Implementing the technology tends to reduce leakage by 20% for a 20% drop in pressure, according to the company.
Kingdon says: “If a water company effectively treats i2O technology as a new source of water, it’s cheaper than building a water treatment plant, which would be 10 times the cost of the system.”
In fact, despite the extent and projected length of this drought, just rushing to build new plant is not always advisable, says Ajay Nair, specialist in wastewater at consultancy MWH.
An example lies in Australia, which may not be as dissimilar to the UK in terms of water as you might think, having 60% of its resources from surface water or rivers and reservoirs. Australia experienced a drought, and rushed to build desalination plants. Now that drought has broken, it is faced with overcapacity.

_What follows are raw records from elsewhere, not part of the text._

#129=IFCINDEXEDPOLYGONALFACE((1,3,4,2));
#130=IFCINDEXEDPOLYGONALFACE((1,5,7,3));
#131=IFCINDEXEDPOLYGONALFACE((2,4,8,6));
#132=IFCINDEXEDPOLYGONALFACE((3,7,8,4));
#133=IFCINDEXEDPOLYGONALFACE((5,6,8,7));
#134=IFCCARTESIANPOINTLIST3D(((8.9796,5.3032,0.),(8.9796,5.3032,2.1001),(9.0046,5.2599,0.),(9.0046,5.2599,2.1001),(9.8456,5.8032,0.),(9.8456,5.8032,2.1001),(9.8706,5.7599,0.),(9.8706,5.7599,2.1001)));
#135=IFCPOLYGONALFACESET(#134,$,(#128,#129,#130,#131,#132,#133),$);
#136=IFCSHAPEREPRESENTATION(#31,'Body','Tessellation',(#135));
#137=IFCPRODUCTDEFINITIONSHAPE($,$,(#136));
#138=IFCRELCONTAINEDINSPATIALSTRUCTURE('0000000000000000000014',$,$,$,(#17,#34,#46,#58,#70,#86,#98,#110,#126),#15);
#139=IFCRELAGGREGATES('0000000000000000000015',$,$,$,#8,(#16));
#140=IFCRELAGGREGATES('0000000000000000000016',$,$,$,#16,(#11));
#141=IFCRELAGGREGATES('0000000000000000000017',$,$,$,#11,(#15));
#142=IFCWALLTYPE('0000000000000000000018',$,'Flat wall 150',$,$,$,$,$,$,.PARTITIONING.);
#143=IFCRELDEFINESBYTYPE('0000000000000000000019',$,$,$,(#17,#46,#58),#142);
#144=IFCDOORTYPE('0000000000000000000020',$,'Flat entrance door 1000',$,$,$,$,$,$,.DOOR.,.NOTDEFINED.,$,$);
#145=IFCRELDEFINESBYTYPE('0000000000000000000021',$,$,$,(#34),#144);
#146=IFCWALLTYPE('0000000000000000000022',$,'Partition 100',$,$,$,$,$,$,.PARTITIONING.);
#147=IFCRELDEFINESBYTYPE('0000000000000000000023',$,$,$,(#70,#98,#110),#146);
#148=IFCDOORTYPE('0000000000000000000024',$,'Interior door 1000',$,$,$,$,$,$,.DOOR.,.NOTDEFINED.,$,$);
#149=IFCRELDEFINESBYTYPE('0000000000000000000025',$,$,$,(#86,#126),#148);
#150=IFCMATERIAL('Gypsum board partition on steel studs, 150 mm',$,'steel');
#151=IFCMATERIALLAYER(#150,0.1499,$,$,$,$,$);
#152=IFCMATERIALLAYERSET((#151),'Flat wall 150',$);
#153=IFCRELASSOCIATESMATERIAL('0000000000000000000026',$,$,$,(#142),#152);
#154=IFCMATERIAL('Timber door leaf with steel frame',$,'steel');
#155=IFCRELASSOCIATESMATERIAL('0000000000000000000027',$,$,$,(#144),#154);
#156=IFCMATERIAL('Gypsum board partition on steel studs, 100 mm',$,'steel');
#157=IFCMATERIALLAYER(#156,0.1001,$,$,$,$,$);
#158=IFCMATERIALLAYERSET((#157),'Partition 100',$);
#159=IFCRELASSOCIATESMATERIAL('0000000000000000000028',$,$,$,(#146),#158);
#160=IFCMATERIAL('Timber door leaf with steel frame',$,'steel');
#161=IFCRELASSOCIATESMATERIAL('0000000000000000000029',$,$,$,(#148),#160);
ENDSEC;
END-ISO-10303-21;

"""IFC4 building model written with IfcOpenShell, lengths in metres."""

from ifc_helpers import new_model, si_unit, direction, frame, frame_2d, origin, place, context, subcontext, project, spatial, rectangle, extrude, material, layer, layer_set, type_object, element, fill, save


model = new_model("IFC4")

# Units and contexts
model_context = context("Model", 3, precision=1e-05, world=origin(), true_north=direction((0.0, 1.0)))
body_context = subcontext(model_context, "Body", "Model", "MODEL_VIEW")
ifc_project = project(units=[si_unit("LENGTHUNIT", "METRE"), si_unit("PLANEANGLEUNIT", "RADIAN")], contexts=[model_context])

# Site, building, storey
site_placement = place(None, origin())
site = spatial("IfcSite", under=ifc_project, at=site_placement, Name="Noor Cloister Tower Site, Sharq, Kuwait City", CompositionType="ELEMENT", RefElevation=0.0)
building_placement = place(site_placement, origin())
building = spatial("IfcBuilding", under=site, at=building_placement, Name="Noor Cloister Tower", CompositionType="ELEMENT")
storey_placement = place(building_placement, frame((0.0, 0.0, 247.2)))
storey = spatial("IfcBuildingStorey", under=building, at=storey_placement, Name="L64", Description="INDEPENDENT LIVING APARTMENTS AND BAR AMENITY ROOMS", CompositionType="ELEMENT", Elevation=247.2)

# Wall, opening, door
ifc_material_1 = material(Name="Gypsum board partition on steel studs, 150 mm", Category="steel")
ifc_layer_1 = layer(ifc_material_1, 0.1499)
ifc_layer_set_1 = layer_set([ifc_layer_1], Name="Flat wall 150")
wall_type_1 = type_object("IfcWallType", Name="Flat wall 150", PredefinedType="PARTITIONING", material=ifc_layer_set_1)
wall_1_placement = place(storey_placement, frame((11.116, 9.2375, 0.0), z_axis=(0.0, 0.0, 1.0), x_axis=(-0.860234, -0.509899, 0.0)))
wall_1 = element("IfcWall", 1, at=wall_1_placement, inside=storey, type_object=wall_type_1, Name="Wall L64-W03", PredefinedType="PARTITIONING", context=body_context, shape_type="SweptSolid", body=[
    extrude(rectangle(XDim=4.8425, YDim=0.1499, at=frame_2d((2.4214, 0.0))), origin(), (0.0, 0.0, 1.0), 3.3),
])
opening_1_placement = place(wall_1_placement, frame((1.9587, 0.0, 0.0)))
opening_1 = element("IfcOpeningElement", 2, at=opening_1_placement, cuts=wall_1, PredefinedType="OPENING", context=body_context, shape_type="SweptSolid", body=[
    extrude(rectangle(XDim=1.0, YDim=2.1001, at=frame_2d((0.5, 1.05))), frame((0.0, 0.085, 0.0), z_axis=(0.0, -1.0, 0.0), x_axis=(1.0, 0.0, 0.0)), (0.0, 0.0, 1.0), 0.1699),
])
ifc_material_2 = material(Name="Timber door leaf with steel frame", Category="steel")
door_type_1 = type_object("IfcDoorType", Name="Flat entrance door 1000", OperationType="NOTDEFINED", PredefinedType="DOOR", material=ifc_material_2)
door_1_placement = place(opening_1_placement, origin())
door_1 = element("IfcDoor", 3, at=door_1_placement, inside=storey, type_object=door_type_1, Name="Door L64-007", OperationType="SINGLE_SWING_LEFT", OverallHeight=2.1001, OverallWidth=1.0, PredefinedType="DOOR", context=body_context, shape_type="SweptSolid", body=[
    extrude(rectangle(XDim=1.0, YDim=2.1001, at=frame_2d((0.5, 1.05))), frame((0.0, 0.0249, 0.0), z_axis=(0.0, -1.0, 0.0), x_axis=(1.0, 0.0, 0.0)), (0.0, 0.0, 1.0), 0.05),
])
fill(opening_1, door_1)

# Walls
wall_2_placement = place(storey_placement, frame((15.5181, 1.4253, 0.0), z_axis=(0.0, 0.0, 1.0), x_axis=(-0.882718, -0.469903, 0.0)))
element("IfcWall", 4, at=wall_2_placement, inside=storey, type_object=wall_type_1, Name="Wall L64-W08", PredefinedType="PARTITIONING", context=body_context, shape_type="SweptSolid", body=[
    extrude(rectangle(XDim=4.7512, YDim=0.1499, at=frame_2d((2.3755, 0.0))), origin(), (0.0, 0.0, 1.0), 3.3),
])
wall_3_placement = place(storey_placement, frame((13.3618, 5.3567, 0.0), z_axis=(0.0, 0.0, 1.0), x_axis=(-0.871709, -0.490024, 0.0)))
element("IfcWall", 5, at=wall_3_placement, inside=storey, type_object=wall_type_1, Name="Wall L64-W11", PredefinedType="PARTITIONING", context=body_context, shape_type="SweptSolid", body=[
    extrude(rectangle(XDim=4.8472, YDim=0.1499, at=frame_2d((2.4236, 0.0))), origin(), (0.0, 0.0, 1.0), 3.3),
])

“They knee-jerked and built one of the largest desalination plants in the world,” says Nair, “and yet the reservoirs are full now. The relative cost of treatment and production of desalinated water is three times that of conventional water. And, if you don’t operate an asset like that, it depreciates rapidly. They were left with an albatross around their necks – effectively capacity they don’t need. It was a reactionary move.”

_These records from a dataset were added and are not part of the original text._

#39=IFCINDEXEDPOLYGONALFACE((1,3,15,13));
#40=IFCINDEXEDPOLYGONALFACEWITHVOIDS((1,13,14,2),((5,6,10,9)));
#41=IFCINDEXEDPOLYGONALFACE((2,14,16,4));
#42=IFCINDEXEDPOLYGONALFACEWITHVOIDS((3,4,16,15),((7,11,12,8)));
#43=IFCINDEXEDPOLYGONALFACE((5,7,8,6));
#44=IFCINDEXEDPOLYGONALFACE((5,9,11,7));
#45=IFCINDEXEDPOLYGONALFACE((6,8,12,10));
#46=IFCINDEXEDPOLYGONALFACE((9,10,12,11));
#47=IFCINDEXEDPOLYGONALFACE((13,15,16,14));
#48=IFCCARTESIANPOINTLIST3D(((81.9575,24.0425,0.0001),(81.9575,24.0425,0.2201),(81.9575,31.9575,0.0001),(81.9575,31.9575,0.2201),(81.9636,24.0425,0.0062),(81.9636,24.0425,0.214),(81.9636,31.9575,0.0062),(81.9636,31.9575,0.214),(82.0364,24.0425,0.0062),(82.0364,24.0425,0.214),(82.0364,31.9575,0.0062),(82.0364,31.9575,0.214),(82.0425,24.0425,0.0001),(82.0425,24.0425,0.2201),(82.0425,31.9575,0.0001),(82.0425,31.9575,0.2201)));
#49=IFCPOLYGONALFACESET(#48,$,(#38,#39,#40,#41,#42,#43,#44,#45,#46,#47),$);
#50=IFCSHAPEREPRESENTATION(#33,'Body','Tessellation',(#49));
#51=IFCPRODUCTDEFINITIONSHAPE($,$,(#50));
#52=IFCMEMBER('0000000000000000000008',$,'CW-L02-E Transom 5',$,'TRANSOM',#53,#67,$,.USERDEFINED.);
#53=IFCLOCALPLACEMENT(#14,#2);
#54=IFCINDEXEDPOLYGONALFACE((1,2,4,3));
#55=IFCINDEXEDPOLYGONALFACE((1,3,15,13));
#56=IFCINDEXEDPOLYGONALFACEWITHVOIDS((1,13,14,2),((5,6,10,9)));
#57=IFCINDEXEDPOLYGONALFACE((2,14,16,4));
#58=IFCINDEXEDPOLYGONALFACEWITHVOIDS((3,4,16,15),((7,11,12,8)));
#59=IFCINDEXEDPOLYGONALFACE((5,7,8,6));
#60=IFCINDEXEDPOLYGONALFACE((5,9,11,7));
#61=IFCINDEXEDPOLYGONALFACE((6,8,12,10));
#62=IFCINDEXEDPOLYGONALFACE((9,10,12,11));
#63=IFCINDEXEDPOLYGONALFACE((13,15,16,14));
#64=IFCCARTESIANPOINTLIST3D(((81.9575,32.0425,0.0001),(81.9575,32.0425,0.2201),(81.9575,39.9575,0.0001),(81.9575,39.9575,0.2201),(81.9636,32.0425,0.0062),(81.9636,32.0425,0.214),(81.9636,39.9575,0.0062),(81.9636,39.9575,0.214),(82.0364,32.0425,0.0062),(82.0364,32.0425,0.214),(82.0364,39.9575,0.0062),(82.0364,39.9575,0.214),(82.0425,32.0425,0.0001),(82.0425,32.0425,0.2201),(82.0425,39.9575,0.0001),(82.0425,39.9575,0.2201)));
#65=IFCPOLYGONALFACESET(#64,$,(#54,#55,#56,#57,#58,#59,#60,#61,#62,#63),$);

He argues that countries must take a long-term view of their water resources before making decisions on how to improve them. Local authorities in the UK could work more closely together to pool existing resources and supply water from low-consuming regions to high-consuming ones, he says.
“There is a level of uncertainty with climate change, but it’s quite possible the UK will see drought a lot more often. Those droughts are likely to occur in the regions – so rather than the entire country going into drought you’ll see what we are seeing now in the South East.
“We need to be able to move water resources we have in certain areas to other parts of the country – rather than building desalination plants to supply at point of use when we’ve already got the resources available elsewhere,” says Nair.
Ultimately, although conditions are challenging for the utilities, Nair believes that the solutions are available – but shouldn’t be rushed. “This is not the first time drought has happened, and if we don’t learn from the mistakes that have been made elsewhere it would be criminal.
“For every problem, there’s a solution, but we need to ensure the ones we pick are sustainable and meet the long-term issues facing the UK. And we need to be flexible enough to make sure we don’t end up creating stranded assets – as happened with Australia and the desalination plants,” he says.